# Foam Sculpt and Scale Halloween Monster Props



## Terra (Sep 23, 2007)

Temporary to Permanent Attachments: Use the same procedure for temp/perm attachments as you just made the body. Used a string that was the exact measurement of the tail on the model and transferred it to the body of the monster. Because we know how long the body of the monster is you can determine how long the attachment needs to be.

If you need a rounded PVC shape you can shape it by bending PVC gradually using a heat gun while bending over a round object (like a 5 gal. bucket). Let cool in place. Pictured is 1/2" PVC. Here's a tip told to me after this monster was made: if you fill the PVC with sand – it will bend in a better arc and not fold.

Sheath the PVC in foam, carve and smooth down with the SureForm shaver.










Mistakes (picture 1): Sometimes you carve too much away or there are voids that need to be filled. There are several ways to fill them but all of them aren't as good as the original so try to avoid this as much as possible. Options: fill with layers of foamboard glue, mixture of glue with pink snow and ‘air dry’ clay. The ‘air dry’ clay is the easiest to sand back down to a smooth surface, but you'll never match the original texture with any of these methods. Luckily, once you base coat the creature it's pretty hard to tell. whew!

Super Smooth Sanding (picture 2): Shave any new areas that haven't been knocked down yet with the SureForm Shaver. Next, use a small electric sander like a Dremel Multi-Max to give a final ultra-smooth surface to areas that need to look like skin. This takes a lot of time and makes a lot of dust. Get to drinking early. For the hard-to-reach areas - use a scrubby.



















Plan Scales (picture 1): Place your monster in front of the projected image again and trace out the scales. This will give you a reference for the direction and the size of the scales.

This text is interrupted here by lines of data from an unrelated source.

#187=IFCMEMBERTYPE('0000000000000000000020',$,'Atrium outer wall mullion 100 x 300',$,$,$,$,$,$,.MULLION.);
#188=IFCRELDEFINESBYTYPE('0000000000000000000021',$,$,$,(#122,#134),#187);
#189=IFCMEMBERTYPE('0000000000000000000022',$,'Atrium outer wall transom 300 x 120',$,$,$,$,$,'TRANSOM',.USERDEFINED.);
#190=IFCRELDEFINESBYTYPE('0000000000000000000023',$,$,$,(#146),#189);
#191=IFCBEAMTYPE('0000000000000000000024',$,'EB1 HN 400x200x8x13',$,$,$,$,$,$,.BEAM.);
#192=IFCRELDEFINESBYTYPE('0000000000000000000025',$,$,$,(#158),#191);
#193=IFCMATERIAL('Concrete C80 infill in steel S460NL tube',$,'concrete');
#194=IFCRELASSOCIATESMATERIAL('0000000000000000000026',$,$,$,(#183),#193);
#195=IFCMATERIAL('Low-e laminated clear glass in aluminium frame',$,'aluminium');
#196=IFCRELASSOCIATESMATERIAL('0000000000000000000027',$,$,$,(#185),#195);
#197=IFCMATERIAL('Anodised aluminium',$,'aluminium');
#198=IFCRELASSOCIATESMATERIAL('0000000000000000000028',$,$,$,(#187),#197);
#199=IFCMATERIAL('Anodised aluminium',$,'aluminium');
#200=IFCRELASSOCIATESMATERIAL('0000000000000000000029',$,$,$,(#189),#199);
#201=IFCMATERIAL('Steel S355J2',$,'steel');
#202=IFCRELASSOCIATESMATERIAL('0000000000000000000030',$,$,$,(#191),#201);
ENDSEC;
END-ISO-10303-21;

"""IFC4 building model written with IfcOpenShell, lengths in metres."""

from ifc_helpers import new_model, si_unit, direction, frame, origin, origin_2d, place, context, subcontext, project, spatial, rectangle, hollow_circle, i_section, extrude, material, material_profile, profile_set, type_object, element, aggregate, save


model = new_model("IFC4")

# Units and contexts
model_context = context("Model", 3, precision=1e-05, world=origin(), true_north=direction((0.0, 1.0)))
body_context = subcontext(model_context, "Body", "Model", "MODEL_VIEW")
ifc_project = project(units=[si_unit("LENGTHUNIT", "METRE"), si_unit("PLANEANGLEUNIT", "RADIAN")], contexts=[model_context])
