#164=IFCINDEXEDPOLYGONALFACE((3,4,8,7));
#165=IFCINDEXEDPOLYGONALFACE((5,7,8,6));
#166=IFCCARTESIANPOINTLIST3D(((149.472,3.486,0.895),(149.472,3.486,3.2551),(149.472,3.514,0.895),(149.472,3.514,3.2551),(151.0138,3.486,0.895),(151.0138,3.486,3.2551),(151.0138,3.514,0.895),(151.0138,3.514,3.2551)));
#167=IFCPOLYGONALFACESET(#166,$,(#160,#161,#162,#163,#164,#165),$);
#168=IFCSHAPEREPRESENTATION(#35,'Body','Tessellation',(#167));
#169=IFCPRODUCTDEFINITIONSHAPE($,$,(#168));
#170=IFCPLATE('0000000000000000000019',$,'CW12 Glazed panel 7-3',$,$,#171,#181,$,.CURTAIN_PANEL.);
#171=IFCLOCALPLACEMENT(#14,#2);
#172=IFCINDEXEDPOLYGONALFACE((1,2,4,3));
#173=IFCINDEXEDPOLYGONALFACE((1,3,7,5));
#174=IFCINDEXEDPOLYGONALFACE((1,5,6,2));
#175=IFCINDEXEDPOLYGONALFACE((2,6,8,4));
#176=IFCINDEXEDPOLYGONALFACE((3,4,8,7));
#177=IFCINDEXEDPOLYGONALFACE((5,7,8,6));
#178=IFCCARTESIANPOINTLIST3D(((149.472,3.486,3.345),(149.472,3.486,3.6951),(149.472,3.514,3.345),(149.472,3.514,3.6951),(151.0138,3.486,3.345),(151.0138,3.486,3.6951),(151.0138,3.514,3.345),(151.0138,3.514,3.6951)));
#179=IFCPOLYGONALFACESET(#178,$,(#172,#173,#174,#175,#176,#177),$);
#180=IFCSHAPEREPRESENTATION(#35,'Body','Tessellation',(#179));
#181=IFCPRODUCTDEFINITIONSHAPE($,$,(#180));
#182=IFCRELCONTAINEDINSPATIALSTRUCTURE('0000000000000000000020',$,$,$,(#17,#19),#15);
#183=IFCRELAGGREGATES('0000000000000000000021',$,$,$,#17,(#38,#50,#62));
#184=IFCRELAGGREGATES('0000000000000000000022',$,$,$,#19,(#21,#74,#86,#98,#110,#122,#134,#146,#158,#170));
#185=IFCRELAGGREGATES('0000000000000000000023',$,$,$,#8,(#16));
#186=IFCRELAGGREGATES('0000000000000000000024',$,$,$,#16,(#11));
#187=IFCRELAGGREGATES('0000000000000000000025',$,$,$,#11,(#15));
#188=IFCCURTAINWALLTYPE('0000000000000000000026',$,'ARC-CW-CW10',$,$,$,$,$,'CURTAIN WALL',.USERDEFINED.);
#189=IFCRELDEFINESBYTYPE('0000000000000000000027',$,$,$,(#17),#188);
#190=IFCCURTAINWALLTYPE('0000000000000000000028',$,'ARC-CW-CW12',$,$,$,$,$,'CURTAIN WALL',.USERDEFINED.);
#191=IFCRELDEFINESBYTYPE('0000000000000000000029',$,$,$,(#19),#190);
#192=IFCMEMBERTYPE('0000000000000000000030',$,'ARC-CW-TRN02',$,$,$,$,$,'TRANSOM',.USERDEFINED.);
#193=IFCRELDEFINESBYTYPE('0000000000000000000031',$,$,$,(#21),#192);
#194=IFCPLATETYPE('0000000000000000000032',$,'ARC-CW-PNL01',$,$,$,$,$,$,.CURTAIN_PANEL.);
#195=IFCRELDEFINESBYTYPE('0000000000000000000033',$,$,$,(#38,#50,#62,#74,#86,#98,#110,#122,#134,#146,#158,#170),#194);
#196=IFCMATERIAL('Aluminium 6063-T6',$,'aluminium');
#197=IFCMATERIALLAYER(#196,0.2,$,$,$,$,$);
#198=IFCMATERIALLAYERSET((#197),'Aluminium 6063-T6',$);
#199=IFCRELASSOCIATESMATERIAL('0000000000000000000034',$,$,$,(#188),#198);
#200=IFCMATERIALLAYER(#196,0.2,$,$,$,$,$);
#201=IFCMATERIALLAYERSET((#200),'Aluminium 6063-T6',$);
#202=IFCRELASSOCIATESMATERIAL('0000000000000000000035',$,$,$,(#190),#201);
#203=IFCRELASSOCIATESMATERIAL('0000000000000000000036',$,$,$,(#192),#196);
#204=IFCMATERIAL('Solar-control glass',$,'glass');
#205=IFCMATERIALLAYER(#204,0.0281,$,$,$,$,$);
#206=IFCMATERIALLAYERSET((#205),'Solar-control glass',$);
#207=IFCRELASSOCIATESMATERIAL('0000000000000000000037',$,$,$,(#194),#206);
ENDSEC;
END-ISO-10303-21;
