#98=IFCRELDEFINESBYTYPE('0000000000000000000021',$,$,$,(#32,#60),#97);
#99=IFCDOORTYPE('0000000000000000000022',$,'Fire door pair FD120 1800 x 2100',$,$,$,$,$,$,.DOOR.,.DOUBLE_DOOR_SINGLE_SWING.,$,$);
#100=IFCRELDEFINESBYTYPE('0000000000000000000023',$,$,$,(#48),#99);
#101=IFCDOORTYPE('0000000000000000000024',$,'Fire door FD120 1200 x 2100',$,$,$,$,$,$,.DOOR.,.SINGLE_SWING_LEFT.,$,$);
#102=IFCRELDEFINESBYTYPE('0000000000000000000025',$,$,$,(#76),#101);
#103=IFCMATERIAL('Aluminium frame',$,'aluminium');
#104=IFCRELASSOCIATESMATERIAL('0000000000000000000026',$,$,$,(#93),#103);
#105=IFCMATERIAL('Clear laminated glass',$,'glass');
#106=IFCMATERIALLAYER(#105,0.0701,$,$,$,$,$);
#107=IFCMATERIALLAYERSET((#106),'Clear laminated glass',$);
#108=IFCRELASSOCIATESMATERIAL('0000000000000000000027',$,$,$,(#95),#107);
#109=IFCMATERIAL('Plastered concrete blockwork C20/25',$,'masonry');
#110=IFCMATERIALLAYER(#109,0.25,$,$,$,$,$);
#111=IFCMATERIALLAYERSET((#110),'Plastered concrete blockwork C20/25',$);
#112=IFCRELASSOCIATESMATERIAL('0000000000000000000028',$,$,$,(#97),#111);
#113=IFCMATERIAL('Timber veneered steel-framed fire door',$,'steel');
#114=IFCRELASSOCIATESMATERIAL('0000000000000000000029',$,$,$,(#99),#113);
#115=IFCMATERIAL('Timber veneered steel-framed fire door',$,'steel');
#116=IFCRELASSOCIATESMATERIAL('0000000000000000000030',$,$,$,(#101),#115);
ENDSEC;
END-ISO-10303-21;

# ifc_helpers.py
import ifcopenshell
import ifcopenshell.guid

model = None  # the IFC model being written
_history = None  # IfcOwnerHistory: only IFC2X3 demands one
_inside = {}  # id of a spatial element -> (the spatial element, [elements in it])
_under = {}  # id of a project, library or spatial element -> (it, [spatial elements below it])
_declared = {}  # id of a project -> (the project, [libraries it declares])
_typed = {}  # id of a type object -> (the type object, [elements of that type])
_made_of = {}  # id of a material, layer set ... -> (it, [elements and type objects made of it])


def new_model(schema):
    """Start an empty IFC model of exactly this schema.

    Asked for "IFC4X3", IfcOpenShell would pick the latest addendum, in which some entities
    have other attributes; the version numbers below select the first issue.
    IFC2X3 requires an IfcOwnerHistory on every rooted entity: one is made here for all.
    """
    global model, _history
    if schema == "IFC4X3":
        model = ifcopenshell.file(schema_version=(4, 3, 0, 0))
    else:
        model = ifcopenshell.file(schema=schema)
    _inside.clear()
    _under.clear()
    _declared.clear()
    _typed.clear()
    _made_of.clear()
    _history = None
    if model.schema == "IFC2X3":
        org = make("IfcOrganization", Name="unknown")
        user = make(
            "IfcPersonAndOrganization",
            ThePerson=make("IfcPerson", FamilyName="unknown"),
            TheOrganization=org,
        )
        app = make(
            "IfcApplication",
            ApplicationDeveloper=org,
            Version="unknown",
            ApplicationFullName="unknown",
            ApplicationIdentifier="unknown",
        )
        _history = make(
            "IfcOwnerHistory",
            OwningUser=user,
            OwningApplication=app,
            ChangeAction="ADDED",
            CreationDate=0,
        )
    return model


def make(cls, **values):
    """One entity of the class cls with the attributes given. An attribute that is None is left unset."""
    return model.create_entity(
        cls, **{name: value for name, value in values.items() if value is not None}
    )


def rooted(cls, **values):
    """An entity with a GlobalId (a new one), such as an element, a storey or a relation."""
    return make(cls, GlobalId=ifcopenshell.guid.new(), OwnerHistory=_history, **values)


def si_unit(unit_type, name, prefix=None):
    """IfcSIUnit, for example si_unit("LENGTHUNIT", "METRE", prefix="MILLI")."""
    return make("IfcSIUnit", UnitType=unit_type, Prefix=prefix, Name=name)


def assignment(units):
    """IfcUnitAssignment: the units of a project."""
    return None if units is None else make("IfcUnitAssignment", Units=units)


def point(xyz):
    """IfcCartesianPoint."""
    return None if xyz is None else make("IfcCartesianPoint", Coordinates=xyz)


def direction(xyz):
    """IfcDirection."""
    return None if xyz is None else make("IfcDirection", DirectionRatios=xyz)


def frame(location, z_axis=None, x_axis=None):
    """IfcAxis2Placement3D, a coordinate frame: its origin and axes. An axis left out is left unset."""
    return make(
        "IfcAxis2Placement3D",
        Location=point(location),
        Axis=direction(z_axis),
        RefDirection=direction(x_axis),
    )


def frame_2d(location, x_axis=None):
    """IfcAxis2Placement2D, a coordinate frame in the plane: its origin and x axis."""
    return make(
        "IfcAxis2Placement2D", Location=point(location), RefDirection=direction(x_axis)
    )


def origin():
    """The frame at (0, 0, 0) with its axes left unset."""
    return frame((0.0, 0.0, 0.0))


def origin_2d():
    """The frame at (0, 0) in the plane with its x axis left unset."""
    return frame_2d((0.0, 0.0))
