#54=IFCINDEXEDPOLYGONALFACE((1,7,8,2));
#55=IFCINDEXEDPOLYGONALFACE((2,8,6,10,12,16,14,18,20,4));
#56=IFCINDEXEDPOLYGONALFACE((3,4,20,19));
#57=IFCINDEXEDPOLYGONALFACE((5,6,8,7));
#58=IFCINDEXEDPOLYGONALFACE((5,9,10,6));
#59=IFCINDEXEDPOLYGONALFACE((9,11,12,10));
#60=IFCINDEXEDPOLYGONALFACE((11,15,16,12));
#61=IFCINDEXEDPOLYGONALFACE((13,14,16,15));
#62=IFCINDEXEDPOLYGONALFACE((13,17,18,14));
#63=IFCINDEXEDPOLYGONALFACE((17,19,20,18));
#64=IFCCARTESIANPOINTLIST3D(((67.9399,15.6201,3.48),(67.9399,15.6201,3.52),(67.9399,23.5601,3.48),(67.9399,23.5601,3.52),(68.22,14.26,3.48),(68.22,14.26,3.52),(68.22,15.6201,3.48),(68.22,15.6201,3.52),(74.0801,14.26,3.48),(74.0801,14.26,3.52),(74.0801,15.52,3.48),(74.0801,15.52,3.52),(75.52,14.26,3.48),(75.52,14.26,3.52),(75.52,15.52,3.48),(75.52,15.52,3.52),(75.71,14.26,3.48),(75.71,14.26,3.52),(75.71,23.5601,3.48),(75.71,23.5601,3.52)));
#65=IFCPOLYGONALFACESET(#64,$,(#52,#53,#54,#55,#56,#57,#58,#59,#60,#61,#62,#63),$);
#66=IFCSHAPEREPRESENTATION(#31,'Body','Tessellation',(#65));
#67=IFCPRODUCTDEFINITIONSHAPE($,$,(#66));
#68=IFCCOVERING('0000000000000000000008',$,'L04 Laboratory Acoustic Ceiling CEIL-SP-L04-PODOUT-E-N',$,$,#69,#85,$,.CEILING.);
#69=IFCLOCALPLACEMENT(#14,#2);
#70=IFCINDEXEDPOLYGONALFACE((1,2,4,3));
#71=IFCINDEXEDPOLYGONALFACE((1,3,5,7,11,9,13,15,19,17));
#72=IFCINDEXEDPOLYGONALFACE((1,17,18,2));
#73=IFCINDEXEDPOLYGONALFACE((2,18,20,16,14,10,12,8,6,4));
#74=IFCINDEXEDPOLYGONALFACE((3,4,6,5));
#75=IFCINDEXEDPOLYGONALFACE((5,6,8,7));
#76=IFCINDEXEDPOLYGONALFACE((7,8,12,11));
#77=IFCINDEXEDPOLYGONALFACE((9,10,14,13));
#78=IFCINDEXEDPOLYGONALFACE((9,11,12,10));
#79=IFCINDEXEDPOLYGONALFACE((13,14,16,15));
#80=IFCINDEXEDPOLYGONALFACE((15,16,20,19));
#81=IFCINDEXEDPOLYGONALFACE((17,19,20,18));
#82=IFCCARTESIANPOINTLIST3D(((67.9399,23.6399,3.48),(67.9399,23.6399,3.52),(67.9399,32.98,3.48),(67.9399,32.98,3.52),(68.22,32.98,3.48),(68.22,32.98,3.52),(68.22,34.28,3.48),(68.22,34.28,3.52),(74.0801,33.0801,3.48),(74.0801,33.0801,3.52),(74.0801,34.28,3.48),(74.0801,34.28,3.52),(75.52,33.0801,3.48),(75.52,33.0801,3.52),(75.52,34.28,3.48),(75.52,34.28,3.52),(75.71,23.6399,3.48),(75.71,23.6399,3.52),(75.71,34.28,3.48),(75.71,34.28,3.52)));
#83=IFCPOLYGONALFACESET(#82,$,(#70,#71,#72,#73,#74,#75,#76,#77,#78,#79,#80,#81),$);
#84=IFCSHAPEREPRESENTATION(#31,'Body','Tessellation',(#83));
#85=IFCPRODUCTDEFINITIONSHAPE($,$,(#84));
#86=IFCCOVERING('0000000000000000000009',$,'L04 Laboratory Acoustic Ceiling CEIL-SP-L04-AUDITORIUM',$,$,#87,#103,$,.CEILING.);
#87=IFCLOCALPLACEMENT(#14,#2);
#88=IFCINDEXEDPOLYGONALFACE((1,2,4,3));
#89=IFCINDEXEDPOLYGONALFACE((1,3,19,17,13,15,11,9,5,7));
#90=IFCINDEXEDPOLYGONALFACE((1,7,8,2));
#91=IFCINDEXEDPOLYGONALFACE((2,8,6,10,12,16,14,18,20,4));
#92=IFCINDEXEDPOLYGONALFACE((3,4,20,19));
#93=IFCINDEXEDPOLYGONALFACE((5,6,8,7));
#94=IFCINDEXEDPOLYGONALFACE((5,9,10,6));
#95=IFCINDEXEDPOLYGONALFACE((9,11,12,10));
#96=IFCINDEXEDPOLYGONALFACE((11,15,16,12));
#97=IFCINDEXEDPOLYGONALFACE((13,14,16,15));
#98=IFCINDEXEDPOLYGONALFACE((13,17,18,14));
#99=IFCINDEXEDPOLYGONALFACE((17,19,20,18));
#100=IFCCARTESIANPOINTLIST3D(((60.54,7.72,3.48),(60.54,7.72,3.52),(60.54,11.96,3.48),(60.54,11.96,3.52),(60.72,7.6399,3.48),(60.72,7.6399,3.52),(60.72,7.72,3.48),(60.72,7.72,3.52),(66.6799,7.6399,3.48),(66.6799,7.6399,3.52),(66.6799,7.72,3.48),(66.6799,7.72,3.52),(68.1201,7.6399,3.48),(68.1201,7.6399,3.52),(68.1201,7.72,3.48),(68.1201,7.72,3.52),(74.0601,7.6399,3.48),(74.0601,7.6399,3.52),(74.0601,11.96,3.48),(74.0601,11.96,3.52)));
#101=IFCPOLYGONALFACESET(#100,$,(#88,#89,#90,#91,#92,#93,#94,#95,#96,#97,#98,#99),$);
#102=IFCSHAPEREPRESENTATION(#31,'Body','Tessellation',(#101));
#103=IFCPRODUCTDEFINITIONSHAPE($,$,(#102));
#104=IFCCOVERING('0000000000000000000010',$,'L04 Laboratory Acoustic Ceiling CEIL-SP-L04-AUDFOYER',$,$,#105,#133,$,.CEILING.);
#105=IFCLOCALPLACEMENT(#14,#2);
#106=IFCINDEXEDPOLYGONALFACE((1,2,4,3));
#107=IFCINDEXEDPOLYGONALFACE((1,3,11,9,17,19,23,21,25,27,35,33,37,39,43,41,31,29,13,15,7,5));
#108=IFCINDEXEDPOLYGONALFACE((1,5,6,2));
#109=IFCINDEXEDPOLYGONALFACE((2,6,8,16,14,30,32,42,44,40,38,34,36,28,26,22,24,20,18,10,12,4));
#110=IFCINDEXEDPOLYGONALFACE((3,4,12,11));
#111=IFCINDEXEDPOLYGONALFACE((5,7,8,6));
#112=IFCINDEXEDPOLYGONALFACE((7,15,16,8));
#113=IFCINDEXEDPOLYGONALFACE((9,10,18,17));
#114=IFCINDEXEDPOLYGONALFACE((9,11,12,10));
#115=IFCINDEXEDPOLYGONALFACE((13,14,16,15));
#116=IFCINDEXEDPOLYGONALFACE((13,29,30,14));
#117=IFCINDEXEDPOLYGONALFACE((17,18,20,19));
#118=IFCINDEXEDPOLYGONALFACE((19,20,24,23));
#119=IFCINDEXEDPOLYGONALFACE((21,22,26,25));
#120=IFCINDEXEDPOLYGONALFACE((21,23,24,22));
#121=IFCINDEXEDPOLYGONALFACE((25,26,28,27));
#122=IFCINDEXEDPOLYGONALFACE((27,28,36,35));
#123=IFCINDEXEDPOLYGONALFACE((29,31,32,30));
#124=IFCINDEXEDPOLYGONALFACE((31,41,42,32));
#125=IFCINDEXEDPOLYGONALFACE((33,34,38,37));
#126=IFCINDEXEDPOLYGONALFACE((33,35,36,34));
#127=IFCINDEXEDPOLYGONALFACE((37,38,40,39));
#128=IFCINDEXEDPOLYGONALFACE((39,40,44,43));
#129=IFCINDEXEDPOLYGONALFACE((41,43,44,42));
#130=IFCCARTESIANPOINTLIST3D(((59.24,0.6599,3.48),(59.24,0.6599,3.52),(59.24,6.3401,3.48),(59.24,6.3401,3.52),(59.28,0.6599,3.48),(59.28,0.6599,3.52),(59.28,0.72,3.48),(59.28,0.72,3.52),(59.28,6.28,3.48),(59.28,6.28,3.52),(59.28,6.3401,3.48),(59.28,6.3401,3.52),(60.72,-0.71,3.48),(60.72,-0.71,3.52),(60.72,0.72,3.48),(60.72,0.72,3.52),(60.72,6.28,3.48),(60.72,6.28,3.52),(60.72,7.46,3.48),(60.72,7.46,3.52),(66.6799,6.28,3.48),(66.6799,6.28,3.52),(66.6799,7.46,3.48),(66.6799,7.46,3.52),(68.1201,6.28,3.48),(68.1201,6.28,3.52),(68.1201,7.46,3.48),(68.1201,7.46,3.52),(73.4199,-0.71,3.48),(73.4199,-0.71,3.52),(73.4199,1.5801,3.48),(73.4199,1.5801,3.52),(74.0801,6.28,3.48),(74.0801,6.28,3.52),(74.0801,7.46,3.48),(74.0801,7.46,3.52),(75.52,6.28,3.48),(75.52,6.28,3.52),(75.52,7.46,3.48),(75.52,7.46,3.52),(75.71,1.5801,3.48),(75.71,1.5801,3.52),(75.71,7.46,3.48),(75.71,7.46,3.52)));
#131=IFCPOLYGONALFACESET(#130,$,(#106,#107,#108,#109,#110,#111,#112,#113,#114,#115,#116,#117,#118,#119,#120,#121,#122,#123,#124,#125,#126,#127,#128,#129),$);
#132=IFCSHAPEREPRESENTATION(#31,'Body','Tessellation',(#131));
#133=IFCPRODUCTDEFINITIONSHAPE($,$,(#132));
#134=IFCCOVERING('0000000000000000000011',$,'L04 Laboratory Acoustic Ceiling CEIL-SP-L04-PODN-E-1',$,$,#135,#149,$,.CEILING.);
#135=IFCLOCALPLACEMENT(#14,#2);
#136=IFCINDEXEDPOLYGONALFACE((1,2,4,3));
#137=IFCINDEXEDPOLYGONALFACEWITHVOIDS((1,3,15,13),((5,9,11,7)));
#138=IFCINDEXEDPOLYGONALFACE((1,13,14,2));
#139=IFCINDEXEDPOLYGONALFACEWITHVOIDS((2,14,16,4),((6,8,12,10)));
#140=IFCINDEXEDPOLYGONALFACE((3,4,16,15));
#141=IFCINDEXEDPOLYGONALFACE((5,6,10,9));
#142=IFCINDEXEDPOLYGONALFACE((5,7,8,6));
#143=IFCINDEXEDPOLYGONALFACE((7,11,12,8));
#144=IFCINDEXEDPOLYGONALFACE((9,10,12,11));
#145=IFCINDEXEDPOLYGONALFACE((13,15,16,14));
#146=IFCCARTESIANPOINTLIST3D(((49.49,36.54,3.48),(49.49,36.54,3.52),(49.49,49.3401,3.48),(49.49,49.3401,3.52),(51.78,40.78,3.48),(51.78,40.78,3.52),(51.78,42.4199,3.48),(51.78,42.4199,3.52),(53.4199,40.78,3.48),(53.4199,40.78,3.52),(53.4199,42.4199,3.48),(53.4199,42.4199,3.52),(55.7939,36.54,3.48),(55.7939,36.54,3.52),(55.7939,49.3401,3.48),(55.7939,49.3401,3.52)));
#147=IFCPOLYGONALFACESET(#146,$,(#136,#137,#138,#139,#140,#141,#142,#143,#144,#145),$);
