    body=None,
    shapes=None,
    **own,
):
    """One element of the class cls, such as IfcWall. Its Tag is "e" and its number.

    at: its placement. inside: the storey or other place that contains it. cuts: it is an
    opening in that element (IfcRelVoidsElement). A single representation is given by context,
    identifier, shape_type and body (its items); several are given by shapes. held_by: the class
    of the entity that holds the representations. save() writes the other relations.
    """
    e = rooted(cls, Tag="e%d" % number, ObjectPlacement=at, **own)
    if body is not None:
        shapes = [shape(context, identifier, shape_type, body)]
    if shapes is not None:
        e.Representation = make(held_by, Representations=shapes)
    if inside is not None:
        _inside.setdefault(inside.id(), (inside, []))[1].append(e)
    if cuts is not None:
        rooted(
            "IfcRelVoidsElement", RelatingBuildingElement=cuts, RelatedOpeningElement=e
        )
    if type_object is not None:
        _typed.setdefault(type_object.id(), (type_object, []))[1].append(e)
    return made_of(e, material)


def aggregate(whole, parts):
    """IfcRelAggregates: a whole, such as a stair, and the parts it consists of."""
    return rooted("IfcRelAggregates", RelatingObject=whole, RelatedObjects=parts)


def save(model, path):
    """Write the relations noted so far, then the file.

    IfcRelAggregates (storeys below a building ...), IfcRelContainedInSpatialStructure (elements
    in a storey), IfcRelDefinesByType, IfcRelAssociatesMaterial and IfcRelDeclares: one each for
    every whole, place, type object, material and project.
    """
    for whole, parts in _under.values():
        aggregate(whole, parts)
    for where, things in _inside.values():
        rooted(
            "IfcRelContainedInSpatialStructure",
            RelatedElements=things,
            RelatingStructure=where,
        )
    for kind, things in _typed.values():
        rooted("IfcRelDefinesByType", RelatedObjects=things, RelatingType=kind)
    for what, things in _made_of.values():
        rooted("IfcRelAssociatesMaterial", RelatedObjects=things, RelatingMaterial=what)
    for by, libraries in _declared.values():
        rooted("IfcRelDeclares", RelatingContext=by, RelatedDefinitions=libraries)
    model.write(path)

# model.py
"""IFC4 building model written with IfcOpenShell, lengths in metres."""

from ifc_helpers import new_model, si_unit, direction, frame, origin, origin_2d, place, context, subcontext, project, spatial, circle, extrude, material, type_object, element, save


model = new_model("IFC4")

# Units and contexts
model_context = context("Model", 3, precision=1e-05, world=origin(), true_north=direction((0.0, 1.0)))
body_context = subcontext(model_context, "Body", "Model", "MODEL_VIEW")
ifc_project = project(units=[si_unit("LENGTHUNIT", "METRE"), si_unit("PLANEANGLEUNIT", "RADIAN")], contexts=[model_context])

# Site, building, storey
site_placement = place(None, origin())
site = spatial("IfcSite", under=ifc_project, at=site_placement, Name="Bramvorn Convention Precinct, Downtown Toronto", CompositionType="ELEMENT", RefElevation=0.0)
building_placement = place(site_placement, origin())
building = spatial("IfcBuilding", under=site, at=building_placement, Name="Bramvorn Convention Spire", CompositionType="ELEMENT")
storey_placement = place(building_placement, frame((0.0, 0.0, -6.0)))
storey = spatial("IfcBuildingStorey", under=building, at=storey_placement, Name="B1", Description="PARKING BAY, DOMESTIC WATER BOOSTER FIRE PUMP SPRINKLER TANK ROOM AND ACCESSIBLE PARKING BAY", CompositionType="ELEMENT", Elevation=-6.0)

Make Scales (picture 3): Place a piece of paper over one of the largest traced out scales and mark the outline with a marker. Cut the paper out and then place the design on a scrap piece of 2" foam. Cut out with a Hot Knife. Place that piece on its side and slice away like you are slicing bologna. Remove the front and back pieces and separate the remainder. Mix up and place in a pile.

Make Variety of Scales (picture 3): Take the paper design and mark a slightly smaller shape and cut that out. Trace that onto the 2" foam and cut out the scales just as you did for the first set. You will continue to make more variety of sizes but also make different shapes. Make teardrop-shaped ones for more spiky looking scales. You can also make skinnier teardrop scales that are more like spikes.










Make Back Spine Scales: These are more challenging. Most scaly monsters have their scales ending up into spiky back spine scales. Carve a triangular shape as shown above. Carve out the bottom in a curved ridge shape so it matches up with the curve of the monster's spine. Keep carving it until it sits flush on the monster. Mark the dead center on the top of the spine for reference. Carve at that marked center and angle away to the far edge on both sides. It will now start to take on a spiky appearance. Cut away the front so it slopes more. Trim the front edges from the top down to give it a chiseled appearance. Do the same for the back of the fin. Do this in varying sizes going from smaller to larger and then back down to smaller.










Applying Scales: Scales have a pattern. You start to apply the scales from the back of the monster to the front. The first layer is applied one next to the other in a row. The next layer is placed over the seam of the first layer and overlapping halfway. Use PL300 foamboard glue to attach the scales.

Adjust the size and shapes of scales while you are applying. For example, you are using the largest scales on the belly and graduating down to the smaller ones as you reach the shoulder. You are also changing up from the circle shape to more of the teardrop shape as you reach the neck scales. For in-cut muscle lines you also want to graduate to smaller scales so the muscle cut is visible. The legs and arms are using much smaller scales and the leg scales are scales that are flusher to the body. Make the scales flexible in order to have the scales become flush with the skin. Pound the scale with a hammer on each side and all over the surface. This will compress the foam and allow you to form it with your fingers so you can manipulate it. Now you can make the scale flusher to the body. You can also do this same procedure to bend the scale, so they hold a curve and appear more spiky like what you see on the neck.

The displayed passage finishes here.